For the plants that fruit, bearing fruit is just another stage in its life-cycle. Just as there are conditions that trigger a sprout moving into the growth phase, or attaining maturity, there are also conditions that must be met for a tree, or other such plants, to bear fruit. This might require pollination from an insect like a bee, or it might require environmental conditions such as a series of days in a particular temperature band at the right time of year. Every plant’s conditions are different and can consider multiple factors, including the size of the plant, the temperature of the biome, the presence of certain insects, the humidity level, and more. With apple trees it takes time, and for the tree to be over a certain size, first and foremost, but the presence of good pollinators makes a difference, too.
Once your tree is bearing fruit, it’s time to harvest. Just as with planting there are a few different ways you can go about this. The most labor-intensive route is to literally go tree to tree, using each apple with an open hand to pluck it from a branch before they fall overripe to the earth below. Alternately, a more efficient solution could present itself with a little research and ingenuity. You might even find a way to do your picking from the ground, catching the apples as they fall.
Some plants need to be pulled from the ground to harvest them and, as a farmer, you’ll find yourself moving down your planted rows using an open hand on each plant to yank them from the soil. Others' produce must be cut away from the plant, such as the grapes on a vine. Still others can be reaped with a scythe or similar instrument, cut down into sheaths that can be gathered in bulk to be processed later. There are always multiple techniques you can apply, and if all else fails, you can always literally pull the thing out of the soil or chop it down and harvest your produce from the plant’s now dead body. How you go about your work is somewhat up to you.

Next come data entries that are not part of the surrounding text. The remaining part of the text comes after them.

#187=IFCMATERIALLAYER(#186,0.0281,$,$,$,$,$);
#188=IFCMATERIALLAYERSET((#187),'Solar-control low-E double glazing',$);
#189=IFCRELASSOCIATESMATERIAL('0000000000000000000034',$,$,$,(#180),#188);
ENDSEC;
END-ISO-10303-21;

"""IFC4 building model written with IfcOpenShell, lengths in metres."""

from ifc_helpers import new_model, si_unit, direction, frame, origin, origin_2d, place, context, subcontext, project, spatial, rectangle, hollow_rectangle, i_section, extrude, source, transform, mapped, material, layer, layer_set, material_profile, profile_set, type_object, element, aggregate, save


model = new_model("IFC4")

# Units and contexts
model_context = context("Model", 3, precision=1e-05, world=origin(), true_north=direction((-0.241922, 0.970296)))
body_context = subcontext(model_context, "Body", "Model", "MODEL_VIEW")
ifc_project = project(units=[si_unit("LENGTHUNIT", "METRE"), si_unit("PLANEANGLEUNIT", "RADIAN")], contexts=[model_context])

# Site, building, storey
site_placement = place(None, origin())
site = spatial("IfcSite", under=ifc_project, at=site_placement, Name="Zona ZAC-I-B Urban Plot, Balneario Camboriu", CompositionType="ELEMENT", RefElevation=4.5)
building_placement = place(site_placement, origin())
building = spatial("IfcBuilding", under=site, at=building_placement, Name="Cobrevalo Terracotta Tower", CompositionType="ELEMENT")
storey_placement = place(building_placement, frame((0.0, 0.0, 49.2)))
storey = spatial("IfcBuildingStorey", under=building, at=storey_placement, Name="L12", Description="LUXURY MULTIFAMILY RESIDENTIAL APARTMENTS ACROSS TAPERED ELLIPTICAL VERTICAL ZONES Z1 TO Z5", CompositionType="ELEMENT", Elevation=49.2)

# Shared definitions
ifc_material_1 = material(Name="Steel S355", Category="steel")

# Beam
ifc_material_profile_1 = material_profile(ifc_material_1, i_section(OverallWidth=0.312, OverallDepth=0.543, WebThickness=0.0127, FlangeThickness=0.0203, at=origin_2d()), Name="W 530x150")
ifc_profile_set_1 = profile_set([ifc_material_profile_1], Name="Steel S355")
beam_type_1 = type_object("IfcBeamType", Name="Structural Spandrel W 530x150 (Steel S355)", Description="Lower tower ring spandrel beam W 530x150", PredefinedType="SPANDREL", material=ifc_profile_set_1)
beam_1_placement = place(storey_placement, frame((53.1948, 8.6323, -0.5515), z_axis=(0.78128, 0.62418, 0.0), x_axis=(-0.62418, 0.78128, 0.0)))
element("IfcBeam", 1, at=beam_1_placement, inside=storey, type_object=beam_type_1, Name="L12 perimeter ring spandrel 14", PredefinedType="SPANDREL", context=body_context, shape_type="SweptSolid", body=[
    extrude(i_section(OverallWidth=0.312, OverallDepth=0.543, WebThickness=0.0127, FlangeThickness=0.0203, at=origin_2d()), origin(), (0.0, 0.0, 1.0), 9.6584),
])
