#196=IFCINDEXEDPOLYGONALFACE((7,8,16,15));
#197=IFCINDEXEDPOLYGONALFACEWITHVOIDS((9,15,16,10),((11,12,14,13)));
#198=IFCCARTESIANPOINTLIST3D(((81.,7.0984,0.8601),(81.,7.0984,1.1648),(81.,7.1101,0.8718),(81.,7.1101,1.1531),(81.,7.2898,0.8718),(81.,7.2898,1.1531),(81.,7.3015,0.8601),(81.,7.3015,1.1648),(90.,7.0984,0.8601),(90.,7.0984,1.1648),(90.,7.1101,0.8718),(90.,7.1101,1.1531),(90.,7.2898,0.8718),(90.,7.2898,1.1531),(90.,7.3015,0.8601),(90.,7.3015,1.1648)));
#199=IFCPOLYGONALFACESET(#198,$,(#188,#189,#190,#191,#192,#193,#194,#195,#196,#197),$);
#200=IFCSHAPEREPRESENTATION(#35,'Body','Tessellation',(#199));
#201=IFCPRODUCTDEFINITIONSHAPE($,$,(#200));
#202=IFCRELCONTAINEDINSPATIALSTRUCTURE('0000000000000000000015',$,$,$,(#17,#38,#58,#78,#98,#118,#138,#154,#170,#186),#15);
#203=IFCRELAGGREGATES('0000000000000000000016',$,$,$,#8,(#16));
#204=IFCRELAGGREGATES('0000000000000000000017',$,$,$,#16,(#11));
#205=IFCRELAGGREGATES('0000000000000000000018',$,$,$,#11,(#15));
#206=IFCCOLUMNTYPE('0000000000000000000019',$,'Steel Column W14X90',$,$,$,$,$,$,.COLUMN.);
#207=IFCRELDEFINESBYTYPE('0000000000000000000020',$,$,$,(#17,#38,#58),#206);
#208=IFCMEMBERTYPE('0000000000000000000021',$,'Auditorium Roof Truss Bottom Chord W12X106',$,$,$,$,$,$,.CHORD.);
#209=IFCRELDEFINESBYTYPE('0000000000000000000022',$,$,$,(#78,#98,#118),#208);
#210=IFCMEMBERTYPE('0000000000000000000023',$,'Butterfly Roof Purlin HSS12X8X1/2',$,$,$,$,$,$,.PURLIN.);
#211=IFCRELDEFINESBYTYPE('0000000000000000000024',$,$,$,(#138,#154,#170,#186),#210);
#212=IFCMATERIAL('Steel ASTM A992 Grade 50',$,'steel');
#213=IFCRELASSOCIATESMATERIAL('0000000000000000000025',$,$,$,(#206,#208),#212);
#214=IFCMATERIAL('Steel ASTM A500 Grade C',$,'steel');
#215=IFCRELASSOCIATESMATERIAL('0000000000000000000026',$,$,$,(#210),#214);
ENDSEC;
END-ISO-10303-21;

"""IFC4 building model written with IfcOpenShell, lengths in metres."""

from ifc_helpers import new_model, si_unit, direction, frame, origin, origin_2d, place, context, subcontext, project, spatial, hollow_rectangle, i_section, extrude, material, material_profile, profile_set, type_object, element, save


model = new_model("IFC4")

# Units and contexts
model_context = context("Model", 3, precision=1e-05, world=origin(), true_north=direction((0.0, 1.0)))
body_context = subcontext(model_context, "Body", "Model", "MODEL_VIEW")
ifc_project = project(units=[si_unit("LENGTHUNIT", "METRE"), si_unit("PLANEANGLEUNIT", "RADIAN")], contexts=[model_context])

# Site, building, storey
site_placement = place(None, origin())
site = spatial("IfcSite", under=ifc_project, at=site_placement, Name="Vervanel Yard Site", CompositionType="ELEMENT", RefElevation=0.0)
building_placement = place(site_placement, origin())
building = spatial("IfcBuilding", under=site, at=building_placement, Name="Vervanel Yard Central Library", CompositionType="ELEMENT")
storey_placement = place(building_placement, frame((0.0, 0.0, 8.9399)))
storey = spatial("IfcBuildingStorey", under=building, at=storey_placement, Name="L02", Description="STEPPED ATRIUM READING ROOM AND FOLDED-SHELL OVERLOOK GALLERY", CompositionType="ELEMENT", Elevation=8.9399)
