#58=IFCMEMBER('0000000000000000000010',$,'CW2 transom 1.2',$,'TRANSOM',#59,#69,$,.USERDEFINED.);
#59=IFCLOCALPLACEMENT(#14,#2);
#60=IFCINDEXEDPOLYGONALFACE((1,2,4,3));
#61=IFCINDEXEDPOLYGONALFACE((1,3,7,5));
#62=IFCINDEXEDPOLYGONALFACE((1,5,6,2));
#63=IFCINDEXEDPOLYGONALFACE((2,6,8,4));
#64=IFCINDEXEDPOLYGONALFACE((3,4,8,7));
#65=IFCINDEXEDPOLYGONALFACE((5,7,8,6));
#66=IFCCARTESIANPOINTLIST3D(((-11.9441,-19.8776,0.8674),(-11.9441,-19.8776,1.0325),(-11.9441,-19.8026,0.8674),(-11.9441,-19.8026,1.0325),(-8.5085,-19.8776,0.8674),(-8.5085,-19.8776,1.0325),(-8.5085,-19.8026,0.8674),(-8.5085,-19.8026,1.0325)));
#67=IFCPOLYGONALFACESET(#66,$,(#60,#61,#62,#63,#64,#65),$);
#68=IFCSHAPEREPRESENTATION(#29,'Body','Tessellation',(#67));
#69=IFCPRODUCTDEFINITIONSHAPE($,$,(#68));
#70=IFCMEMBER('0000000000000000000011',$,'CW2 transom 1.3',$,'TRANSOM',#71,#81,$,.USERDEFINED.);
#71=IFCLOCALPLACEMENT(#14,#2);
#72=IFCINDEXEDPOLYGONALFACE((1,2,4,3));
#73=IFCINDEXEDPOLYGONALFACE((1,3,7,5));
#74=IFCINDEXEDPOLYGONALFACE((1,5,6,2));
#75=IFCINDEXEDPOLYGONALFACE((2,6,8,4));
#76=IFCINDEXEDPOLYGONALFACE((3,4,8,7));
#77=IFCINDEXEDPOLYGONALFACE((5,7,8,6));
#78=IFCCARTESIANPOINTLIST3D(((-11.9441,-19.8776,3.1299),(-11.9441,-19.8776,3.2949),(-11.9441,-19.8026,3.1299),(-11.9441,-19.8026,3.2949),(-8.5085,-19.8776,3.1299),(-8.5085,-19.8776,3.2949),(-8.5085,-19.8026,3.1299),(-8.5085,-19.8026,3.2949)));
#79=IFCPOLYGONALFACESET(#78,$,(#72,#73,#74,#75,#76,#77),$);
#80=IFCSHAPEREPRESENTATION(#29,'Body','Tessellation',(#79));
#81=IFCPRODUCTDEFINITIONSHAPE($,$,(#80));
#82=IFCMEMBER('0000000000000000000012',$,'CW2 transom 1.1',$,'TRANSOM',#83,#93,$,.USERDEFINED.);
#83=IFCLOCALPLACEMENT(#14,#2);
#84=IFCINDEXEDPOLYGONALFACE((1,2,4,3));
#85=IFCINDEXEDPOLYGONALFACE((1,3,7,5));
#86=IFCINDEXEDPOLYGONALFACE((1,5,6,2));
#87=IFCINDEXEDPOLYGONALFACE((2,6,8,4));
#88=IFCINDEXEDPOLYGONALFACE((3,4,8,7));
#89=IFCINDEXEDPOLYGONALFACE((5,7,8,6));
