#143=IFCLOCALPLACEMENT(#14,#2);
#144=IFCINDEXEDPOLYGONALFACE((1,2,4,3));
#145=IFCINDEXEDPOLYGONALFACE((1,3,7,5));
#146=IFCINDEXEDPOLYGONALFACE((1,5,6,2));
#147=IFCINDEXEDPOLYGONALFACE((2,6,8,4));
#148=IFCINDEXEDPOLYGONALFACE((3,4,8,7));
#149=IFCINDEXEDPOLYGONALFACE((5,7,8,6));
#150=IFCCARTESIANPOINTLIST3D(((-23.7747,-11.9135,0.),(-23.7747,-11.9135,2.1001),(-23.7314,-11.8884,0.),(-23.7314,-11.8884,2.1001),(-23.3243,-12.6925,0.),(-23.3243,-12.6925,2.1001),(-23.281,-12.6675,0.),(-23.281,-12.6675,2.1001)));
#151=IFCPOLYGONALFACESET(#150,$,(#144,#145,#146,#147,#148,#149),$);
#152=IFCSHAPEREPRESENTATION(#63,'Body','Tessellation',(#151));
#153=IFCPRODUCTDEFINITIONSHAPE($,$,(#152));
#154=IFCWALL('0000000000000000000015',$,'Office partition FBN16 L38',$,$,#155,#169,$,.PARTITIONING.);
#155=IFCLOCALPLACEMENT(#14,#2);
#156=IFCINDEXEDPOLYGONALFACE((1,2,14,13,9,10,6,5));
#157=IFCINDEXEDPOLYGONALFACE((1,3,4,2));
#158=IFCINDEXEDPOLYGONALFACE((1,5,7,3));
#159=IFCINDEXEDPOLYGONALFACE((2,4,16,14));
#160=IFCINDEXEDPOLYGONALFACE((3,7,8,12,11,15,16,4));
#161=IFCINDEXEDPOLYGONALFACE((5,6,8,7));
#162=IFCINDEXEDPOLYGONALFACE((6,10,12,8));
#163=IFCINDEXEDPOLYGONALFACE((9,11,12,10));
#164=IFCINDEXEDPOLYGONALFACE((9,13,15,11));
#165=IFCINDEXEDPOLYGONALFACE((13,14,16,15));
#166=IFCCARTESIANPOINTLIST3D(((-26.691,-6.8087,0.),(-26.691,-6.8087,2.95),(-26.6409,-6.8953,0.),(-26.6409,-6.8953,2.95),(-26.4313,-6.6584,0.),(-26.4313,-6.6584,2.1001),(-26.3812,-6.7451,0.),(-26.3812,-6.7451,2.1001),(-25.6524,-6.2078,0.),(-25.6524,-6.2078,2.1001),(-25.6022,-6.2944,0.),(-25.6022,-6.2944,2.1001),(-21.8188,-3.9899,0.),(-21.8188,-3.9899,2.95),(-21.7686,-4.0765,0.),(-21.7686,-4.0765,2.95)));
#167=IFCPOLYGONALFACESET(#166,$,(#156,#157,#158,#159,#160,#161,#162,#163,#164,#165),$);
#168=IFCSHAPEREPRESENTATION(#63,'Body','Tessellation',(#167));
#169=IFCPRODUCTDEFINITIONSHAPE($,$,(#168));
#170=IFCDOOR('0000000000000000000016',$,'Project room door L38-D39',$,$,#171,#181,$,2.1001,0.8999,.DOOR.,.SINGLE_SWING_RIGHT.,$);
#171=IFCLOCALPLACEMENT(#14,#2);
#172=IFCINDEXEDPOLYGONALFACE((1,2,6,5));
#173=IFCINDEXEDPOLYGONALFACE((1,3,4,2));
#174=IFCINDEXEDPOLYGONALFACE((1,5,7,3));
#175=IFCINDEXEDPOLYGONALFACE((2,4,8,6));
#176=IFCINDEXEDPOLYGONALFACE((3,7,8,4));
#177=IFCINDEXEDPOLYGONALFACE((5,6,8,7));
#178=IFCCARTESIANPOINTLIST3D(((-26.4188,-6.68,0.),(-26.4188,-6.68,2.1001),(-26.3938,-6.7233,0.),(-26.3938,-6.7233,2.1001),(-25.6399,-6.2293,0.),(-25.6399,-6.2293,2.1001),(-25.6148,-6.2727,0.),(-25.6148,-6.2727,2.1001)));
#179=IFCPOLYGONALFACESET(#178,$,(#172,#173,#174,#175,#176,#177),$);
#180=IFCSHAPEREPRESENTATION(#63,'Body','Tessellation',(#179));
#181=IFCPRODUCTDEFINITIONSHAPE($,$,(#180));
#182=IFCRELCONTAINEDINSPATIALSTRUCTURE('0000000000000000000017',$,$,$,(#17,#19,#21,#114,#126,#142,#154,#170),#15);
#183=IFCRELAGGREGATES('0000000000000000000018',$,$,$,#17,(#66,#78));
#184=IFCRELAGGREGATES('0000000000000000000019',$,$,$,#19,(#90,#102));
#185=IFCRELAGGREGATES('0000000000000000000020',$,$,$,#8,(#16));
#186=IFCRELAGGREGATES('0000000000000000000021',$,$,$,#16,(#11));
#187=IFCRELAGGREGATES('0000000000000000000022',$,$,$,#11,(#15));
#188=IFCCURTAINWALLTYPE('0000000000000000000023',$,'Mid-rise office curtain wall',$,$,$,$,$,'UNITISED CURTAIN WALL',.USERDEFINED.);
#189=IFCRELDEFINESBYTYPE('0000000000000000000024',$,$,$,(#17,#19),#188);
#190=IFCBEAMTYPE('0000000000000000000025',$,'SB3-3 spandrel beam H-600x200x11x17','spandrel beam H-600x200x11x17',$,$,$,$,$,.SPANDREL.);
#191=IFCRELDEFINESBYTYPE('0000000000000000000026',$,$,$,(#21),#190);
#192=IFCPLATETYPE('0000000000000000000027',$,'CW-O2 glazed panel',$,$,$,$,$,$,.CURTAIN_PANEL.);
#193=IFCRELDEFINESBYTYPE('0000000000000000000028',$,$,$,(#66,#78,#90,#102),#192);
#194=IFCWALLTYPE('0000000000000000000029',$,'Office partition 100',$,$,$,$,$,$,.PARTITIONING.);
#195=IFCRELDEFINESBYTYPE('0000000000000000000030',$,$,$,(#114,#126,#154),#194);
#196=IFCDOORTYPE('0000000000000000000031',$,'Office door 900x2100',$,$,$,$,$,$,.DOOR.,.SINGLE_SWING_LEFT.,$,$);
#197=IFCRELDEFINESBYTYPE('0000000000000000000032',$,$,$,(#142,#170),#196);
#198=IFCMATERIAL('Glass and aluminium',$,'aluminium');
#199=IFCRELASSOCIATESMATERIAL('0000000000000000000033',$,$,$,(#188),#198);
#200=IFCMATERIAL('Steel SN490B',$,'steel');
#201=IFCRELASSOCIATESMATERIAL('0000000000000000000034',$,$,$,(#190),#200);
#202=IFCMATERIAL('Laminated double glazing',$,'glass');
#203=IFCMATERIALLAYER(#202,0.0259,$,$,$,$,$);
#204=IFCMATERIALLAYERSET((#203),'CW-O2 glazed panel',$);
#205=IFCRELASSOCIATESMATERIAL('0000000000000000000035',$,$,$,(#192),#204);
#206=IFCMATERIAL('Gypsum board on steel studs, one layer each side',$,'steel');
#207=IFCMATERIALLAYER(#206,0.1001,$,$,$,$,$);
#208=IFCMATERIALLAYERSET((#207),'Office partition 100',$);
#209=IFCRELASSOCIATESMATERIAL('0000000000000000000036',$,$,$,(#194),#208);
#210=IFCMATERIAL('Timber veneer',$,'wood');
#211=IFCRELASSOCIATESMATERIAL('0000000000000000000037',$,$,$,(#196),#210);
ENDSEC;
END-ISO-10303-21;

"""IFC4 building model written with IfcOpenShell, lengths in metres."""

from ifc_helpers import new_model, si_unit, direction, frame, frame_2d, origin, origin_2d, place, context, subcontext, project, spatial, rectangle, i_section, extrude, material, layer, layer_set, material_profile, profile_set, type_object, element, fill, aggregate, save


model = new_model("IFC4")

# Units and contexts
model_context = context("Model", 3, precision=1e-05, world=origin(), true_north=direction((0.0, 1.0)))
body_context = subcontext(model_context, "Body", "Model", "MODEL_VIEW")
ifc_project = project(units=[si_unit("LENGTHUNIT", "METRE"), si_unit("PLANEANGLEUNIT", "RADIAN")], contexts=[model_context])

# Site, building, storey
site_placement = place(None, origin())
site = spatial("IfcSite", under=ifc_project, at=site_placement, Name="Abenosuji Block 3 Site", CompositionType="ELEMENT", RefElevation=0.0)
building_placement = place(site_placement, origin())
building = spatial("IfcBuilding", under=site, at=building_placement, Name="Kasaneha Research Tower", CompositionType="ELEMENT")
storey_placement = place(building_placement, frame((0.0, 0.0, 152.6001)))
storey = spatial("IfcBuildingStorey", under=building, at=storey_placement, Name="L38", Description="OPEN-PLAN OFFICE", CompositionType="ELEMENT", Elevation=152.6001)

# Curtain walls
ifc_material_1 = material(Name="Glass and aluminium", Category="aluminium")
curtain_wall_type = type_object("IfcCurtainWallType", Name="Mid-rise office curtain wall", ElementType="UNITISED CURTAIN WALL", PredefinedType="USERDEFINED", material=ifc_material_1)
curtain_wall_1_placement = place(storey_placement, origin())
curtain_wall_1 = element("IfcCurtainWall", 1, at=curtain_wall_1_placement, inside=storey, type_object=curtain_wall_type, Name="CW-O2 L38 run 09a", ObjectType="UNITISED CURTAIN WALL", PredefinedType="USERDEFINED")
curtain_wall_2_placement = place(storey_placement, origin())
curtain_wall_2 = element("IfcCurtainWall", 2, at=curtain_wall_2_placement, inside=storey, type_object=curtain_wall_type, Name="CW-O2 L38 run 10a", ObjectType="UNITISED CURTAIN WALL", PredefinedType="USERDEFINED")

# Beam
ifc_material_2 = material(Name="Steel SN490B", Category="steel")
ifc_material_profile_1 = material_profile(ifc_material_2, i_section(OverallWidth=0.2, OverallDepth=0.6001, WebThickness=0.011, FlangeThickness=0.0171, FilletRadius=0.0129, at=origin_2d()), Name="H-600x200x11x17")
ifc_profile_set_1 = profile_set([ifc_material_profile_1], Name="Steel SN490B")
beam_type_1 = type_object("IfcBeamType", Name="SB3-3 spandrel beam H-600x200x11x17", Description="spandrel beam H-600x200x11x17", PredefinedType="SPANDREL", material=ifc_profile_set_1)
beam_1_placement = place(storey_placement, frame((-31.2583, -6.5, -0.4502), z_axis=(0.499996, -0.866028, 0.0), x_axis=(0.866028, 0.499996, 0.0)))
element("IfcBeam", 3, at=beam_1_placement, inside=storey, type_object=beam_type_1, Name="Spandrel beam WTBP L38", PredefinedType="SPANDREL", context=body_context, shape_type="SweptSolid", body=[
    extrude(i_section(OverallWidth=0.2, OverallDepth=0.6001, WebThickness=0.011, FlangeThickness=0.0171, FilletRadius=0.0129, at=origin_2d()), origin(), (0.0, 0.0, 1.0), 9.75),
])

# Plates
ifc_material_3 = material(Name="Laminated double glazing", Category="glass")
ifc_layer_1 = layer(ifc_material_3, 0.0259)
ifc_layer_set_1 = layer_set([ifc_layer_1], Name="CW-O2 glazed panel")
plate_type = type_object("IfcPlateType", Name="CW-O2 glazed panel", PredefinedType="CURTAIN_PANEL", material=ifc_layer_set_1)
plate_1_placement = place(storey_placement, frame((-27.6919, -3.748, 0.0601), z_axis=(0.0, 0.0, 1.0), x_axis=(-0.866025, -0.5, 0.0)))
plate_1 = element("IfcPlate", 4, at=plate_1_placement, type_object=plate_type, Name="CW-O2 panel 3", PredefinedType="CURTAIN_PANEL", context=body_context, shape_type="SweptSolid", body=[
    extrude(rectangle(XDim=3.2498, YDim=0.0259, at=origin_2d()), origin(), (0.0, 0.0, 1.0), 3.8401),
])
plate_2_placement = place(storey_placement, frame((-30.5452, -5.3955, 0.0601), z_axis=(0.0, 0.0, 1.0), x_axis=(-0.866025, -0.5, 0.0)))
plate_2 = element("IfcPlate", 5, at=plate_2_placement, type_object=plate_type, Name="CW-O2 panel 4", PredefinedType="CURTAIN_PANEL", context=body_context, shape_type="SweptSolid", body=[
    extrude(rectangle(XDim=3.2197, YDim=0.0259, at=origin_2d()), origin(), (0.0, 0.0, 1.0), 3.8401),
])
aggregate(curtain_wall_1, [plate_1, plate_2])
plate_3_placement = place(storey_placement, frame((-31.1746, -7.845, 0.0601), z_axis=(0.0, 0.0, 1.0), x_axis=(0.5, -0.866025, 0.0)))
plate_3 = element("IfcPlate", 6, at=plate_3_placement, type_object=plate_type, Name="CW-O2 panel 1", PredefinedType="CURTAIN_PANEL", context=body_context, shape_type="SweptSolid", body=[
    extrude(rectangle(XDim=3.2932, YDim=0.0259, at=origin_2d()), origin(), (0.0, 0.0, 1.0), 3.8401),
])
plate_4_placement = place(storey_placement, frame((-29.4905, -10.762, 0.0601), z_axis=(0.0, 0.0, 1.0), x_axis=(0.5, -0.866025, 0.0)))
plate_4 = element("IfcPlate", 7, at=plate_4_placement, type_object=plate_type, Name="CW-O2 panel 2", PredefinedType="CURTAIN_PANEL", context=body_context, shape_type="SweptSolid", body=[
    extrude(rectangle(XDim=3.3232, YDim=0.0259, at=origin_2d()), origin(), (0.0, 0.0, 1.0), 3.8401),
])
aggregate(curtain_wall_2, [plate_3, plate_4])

That said, every strategy has its own value; even though you may be able to get another season's yield from a crop there may be cases where it’s still worth harvesting your produce destructively. For example, you might want to plough the remains back into the soil to help replenish the nutrients that your growing plants have consumed. And, there is always the finished result to consider:
The methods you use, and the conditions your plants experience as they grow, indelibly change the properties of the plant and the produce it yields. Just as the techniques one can use in smithing can change the performance of the resulting item, the properties imparted to a plant as it grows can alter the desirability and in-game effects of its produce. You may have mastered a plan for growing your apple trees that allows you to pack them in densely and yields many apples, but that process may leave them sour and only suitable for certain applications, such as the creation of ciders, or as ingredients for the potions and other concoctions made through alchemy. This might limit their value. On the other hand, it might be that the cider business is lucrative in your part of the world, and sour apples are exactly what you need.
The point of our crafting framework is not to make those decisions for you, but rather to give you the freedom to decide what “best” means for you and your plans. There’s more than one way to grow an apple tree, and more than one kind of apple a tree can grow; only you can know for sure what success means for your farm and your crops.